We adopt Group Relative Policy Optimization (GRPO) with token-level loss aggregation, focusing on mathematical reasoning and long chain-of-thought (CoT) tasks.

## Evaluation and Results
We trained and evaluated two models using RLinf:

- RLinf-math-1.5B Model (based on DeepSeek-R1-Distill-Qwen-1.5B)
  - Recommended sampling settings:  `temperature = 0.6`, `top_p = 0.95`

- RLinf-math-7B Model (based on DeepSeek-R1-Distill-Qwen-7B)
  - Recommended sampling settings:  `temperature = 1.0`, `top_p = 0.95`

### Benchmark Results

**1.5B models**. All models except the base model are trained upon DeepSeek-R1-Distill-Qwen-1.5B using RL. 

| Model                                      | AIME 24   | AIME 25   | GPQA-diamond | Average   |
| ------------------------------------------ | --------- | --------- | ------------ | --------- |
| [DeepSeek-R1-Distill-Qwen-1.5B](https://huggingface.co/deepseek-ai/DeepSeek-R1-Distill-Qwen-1.5B) | 28.33     | 24.90     | 27.45        | 26.89     |
| [DeepMath-1.5B](https://huggingface.co/zwhe99/DeepMath-1.5B)                             | 37.80     | 30.42     | 32.11        | 33.44     |
| [DeepScaleR-1.5B-Preview](https://huggingface.co/agentica-org/DeepScaleR-1.5B-Preview)                    | 40.41     | 30.93     | 27.54        | 32.96     |
| [AReaL-1.5B-Preview-Stage-3](https://huggingface.co/inclusionAI/AReaL-1.5B-Preview-Stage-3)                 | 40.73     | 31.56     | 28.10        | 33.46     |
| AReaL-1.5B-retrain*                        | 44.42     | 34.27     | 33.81        | 37.50     |
| [FastCuRL-1.5B-V3](https://huggingface.co/Nickyang/FastCuRL-1.5B-V3)                          | 43.65     | 32.49     | 35.00        | 37.05     |
| [RLinf-math-1.5B](https://huggingface.co/RLinf/RLinf-math-1.5B)                           | **48.44** | **35.63** | **38.46**    | **40.84** |

\* We retrain the model using the default settings for 600 steps. 

**7B models**. All models except the base model are trained upon DeepSeek-R1-Distill-Qwen-7B using RL. 

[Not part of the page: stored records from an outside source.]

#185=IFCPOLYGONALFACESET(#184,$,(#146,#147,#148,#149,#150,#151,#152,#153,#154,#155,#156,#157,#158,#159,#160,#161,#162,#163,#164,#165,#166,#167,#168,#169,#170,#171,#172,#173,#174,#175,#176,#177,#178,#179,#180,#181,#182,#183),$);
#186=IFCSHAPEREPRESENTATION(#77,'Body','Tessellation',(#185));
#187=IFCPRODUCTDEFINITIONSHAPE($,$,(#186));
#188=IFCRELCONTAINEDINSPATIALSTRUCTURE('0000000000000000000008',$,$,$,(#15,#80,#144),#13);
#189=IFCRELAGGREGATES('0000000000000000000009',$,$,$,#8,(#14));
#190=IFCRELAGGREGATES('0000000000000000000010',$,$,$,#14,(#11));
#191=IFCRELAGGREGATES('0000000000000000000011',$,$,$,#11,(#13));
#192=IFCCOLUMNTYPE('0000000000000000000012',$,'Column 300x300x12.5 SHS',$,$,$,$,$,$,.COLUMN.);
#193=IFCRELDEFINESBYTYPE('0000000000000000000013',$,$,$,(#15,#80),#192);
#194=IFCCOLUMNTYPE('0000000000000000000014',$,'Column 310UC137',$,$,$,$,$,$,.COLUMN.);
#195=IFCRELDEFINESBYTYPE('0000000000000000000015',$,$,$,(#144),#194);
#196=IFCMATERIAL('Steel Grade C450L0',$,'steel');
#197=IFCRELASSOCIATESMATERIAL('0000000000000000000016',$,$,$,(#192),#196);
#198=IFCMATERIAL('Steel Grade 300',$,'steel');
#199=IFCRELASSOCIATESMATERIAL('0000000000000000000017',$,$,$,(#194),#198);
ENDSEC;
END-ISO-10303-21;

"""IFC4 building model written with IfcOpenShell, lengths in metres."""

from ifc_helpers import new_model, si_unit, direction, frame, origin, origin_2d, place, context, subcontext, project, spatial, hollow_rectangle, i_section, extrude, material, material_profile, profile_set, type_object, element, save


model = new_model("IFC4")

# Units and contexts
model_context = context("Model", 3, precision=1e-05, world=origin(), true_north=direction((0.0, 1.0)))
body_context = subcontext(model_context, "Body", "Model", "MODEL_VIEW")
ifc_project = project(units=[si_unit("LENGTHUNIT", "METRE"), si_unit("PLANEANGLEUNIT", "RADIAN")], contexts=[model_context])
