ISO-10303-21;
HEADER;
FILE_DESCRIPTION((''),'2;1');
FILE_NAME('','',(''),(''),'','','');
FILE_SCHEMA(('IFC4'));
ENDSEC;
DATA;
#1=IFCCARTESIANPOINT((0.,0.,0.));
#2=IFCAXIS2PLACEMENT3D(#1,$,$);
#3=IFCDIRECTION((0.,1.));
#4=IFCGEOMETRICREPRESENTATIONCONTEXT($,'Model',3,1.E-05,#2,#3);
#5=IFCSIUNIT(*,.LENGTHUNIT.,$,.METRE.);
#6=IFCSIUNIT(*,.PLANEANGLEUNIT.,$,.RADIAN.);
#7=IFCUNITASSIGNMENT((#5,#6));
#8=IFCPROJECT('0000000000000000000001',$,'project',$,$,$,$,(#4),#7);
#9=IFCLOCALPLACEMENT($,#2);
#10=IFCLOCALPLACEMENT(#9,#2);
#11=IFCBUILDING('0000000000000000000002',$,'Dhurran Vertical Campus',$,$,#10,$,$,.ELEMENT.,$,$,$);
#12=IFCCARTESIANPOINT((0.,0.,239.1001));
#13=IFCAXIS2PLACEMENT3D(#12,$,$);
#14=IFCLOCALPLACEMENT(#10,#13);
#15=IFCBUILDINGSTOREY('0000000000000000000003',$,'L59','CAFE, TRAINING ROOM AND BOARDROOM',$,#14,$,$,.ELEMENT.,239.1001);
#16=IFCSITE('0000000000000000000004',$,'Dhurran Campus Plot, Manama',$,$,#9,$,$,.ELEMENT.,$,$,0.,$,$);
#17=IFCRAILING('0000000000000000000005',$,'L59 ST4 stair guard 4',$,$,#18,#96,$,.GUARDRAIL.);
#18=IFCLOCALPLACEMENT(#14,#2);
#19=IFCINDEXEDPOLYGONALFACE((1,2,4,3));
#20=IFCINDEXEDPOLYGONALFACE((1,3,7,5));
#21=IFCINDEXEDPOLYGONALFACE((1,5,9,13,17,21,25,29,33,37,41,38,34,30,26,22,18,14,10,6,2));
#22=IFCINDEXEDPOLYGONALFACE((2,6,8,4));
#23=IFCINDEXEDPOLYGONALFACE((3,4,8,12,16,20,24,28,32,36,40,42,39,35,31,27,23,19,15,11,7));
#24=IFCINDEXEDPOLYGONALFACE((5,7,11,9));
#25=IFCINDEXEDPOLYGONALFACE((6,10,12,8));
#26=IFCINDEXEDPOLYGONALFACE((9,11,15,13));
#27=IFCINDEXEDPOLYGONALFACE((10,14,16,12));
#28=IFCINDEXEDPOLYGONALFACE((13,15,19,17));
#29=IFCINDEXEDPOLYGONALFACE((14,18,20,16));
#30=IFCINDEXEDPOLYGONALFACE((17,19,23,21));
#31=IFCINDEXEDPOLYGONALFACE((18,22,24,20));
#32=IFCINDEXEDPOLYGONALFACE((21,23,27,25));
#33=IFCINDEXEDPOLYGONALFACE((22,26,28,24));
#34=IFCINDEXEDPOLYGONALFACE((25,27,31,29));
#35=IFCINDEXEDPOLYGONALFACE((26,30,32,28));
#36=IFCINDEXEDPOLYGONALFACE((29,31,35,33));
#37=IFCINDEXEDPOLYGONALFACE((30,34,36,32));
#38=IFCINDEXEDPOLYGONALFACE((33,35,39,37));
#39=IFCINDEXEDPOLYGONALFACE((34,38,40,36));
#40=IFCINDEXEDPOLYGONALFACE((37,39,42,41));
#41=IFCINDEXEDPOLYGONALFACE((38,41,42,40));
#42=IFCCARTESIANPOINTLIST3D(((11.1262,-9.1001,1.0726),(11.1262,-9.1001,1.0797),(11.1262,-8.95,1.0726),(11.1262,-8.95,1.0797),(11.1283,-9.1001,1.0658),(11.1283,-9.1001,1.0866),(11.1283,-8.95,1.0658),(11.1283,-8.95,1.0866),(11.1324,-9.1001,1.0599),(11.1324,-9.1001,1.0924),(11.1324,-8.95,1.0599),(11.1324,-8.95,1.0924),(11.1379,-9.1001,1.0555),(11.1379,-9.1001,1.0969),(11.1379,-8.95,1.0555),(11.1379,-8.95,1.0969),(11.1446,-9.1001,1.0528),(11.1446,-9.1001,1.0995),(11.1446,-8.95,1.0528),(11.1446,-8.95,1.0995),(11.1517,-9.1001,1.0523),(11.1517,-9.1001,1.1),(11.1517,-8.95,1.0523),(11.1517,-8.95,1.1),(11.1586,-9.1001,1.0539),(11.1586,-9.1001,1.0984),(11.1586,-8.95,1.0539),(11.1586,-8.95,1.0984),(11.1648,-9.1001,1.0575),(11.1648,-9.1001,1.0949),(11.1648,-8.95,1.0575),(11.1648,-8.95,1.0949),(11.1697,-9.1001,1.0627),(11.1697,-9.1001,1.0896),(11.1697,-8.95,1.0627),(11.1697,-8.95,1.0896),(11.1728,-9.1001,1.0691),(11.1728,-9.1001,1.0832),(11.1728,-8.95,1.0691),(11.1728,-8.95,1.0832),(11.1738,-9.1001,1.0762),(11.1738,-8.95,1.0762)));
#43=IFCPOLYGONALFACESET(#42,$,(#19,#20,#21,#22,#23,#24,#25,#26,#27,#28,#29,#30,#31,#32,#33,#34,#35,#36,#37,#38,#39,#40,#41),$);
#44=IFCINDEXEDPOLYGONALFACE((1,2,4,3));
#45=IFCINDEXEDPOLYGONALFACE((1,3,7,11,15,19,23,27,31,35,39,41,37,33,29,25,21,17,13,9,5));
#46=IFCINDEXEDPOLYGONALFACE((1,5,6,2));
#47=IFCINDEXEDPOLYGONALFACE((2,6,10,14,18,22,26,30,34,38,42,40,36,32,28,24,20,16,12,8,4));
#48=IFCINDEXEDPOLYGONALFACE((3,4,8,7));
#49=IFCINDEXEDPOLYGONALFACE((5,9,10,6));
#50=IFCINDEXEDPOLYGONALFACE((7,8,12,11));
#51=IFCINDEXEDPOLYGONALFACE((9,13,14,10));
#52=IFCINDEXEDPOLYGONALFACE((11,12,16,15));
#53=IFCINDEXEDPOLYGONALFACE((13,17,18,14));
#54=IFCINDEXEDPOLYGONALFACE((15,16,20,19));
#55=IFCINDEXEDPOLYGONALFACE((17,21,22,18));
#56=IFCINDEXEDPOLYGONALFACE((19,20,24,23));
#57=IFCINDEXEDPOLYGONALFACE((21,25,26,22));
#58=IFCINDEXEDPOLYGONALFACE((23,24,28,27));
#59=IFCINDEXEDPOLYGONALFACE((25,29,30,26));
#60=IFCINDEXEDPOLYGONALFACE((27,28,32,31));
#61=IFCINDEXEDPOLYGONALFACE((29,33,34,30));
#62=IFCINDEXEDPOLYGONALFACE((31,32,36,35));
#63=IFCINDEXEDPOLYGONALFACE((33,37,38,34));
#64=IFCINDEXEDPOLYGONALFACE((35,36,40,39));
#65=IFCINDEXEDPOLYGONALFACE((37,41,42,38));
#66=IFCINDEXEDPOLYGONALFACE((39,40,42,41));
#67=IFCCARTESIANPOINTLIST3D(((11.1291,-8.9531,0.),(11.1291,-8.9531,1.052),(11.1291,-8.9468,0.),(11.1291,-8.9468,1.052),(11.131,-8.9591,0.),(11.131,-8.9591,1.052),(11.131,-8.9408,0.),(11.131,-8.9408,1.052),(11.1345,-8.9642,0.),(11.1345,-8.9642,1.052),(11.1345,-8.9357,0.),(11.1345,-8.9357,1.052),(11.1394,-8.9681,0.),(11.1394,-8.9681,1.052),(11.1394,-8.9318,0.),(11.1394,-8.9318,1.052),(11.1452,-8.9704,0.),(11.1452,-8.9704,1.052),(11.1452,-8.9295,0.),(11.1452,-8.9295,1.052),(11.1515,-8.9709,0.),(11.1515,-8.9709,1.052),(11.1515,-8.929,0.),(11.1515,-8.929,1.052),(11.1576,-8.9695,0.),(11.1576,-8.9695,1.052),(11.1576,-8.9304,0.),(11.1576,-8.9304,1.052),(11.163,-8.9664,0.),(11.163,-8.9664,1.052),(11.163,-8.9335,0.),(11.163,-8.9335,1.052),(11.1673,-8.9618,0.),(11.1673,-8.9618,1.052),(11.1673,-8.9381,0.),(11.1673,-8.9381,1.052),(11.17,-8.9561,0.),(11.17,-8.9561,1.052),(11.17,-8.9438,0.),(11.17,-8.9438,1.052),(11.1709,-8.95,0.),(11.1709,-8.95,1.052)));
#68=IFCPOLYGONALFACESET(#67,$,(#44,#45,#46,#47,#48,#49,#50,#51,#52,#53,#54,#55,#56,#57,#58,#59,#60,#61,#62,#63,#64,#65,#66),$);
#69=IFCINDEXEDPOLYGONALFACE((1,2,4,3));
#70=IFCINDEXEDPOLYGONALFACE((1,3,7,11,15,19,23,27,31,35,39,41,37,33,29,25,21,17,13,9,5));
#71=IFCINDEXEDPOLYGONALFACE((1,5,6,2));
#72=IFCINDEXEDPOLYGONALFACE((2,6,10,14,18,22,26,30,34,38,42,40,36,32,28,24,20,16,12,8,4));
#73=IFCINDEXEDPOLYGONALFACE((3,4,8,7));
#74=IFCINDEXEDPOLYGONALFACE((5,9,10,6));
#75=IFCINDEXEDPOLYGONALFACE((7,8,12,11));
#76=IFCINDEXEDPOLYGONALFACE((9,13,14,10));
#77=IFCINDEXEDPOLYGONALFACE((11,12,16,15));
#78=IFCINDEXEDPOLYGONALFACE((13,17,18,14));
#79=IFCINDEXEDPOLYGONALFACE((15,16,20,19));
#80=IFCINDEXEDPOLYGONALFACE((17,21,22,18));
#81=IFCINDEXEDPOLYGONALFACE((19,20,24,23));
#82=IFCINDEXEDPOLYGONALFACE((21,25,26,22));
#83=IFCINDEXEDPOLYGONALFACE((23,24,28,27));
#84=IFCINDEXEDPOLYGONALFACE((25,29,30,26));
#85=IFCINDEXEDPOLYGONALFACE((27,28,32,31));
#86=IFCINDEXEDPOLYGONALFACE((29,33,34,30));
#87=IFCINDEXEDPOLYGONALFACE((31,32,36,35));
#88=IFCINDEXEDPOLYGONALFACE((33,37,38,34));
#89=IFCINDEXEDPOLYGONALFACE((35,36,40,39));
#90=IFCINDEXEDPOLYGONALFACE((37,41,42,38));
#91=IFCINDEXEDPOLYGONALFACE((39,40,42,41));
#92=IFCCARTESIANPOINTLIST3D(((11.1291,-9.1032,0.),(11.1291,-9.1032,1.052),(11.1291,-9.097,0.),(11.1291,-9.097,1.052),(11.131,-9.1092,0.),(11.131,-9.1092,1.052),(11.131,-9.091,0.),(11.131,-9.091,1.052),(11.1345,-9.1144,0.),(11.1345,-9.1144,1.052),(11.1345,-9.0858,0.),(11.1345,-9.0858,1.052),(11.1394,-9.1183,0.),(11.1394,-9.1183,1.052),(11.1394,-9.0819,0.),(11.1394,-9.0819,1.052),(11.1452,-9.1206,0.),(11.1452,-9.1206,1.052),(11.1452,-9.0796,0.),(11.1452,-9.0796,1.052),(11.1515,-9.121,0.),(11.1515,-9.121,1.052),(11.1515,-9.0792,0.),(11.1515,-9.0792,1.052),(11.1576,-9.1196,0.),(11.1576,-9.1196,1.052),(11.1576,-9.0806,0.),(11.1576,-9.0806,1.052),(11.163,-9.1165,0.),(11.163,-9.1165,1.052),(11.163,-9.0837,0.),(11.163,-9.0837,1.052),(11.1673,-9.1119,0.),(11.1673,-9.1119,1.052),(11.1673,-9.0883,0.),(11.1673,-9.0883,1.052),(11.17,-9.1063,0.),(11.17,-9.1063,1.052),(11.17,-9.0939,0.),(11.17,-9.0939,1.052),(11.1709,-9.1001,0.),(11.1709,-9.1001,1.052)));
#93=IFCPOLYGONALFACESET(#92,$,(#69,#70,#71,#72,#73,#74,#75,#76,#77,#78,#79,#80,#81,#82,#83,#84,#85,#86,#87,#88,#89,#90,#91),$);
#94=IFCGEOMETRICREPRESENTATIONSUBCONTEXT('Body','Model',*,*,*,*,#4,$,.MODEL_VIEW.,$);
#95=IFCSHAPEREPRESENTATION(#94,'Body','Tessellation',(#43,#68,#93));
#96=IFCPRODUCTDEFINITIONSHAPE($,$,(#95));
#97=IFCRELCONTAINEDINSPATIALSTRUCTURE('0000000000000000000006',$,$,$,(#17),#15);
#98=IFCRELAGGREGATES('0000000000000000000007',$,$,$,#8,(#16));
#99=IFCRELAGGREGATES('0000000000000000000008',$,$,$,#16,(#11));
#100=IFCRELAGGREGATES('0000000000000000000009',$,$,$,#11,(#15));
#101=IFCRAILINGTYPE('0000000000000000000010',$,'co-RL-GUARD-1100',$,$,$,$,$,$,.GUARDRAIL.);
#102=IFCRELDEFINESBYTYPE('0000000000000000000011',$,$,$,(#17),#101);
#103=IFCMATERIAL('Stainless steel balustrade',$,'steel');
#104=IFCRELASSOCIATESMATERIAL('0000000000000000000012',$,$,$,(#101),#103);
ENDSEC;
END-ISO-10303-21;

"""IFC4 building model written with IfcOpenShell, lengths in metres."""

from ifc_helpers import new_model, si_unit, direction, frame, origin, origin_2d, place, context, subcontext, project, spatial, circle, extrude, material, type_object, element, save


model = new_model("IFC4")

# Units and contexts
model_context = context("Model", 3, precision=1e-05, world=origin(), true_north=direction((0.0, 1.0)))
body_context = subcontext(model_context, "Body", "Model", "MODEL_VIEW")
ifc_project = project(units=[si_unit("LENGTHUNIT", "METRE"), si_unit("PLANEANGLEUNIT", "RADIAN")], contexts=[model_context])

# Site, building, storey
site_placement = place(None, origin())
site = spatial("IfcSite", under=ifc_project, at=site_placement, Name="Dhurran Campus Plot, Manama", CompositionType="ELEMENT", RefElevation=0.0)
building_placement = place(site_placement, origin())
building = spatial("IfcBuilding", under=site, at=building_placement, Name="Dhurran Vertical Campus", CompositionType="ELEMENT")
storey_placement = place(building_placement, frame((0.0, 0.0, 239.1001)))
storey = spatial("IfcBuildingStorey", under=building, at=storey_placement, Name="L59", Description="CAFE, TRAINING ROOM AND BOARDROOM", CompositionType="ELEMENT", Elevation=239.1001)

# Railing
ifc_material_1 = material(Name="Stainless steel balustrade", Category="steel")
railing_type_1 = type_object("IfcRailingType", Name="co-RL-GUARD-1100", PredefinedType="GUARDRAIL", material=ifc_material_1)
railing_1_placement = place(storey_placement, frame((11.1499, -8.95, 0.0)))
element("IfcRailing", 1, at=railing_1_placement, inside=storey, type_object=railing_type_1, Name="L59 ST4 stair guard 4", PredefinedType="GUARDRAIL", context=body_context, shape_type="SweptSolid", body=[
    extrude(circle(Radius=0.0239, at=origin_2d()), frame((0.0, 0.0, 1.0762), z_axis=(0.0, -1.0, 0.0), x_axis=(1.0, 0.0, 0.0)), (0.0, 0.0, 1.0), 0.1501),
    extrude(circle(Radius=0.021, at=origin_2d()), origin(), (0.0, 0.0, 1.0), 1.052),
    extrude(circle(Radius=0.021, at=origin_2d()), frame((0.0, -0.1501, 0.0)), (0.0, 0.0, 1.0), 1.052),
])

save(model, "model.ifc")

| Model                                    | AIME 24   | AIME 25   | GPQA-diamond | Average   |
| ---------------------------------------- | --------- | --------- | ------------ | --------- |
| [DeepSeek-R1-Distill-Qwen-7B](https://huggingface.co/deepseek-ai/DeepSeek-R1-Distill-Qwen-7B)  | 54.90     | 40.20     | 45.48        | 46.86     |
| [AReaL-boba-RL-7B](https://huggingface.co/inclusionAI/AReaL-boba-RL-7B)                           | 61.66     | 49.38     | 46.93        | 52.66     |
| [Skywork-OR1-7B](https://huggingface.co/Skywork/Skywork-OR1-7B)                           | 66.87     | 52.49     | 44.43        | 54.60     |
| [Polaris-7B-Preview](https://huggingface.co/POLARIS-Project/Polaris-7B-Preview)                    | **68.55** | 51.24     | 43.88        | 54.56     |
| [AceMath-RL-Nemotron-7B](https://huggingface.co/nvidia/AceMath-RL-Nemotron-7B)                   | 67.30     | **55.00** | 45.57        | 55.96     |
| [RLinf-math-7B](https://huggingface.co/RLinf/RLinf-math-7B)                            | 68.33     | 52.19     | **48.18**    | **56.23** |



## How to Use
Example with Hugging Face `transformers`:

```python
from transformers import AutoModelForCausalLM, AutoTokenizer

model_name = "RLinf/RLinf-math-7B"
tokenizer = AutoTokenizer.from_pretrained(model_name)
model = AutoModelForCausalLM.from_pretrained(model_name, device_map="auto")

prompt = "Solve: If x^2 + 2x + 1 = 0, what is x?"

inputs = tokenizer(prompt, return_tensors="pt").to(model.device)
outputs = model.generate(
    **inputs,
    max_new_tokens=512,
    temperature=1.0,   # recommended for 7B
    top_p=0.95
)

print(tokenizer.decode(outputs[0], skip_special_tokens=True))
```

## License
This code repository and the model weights are licensed under the MIT License.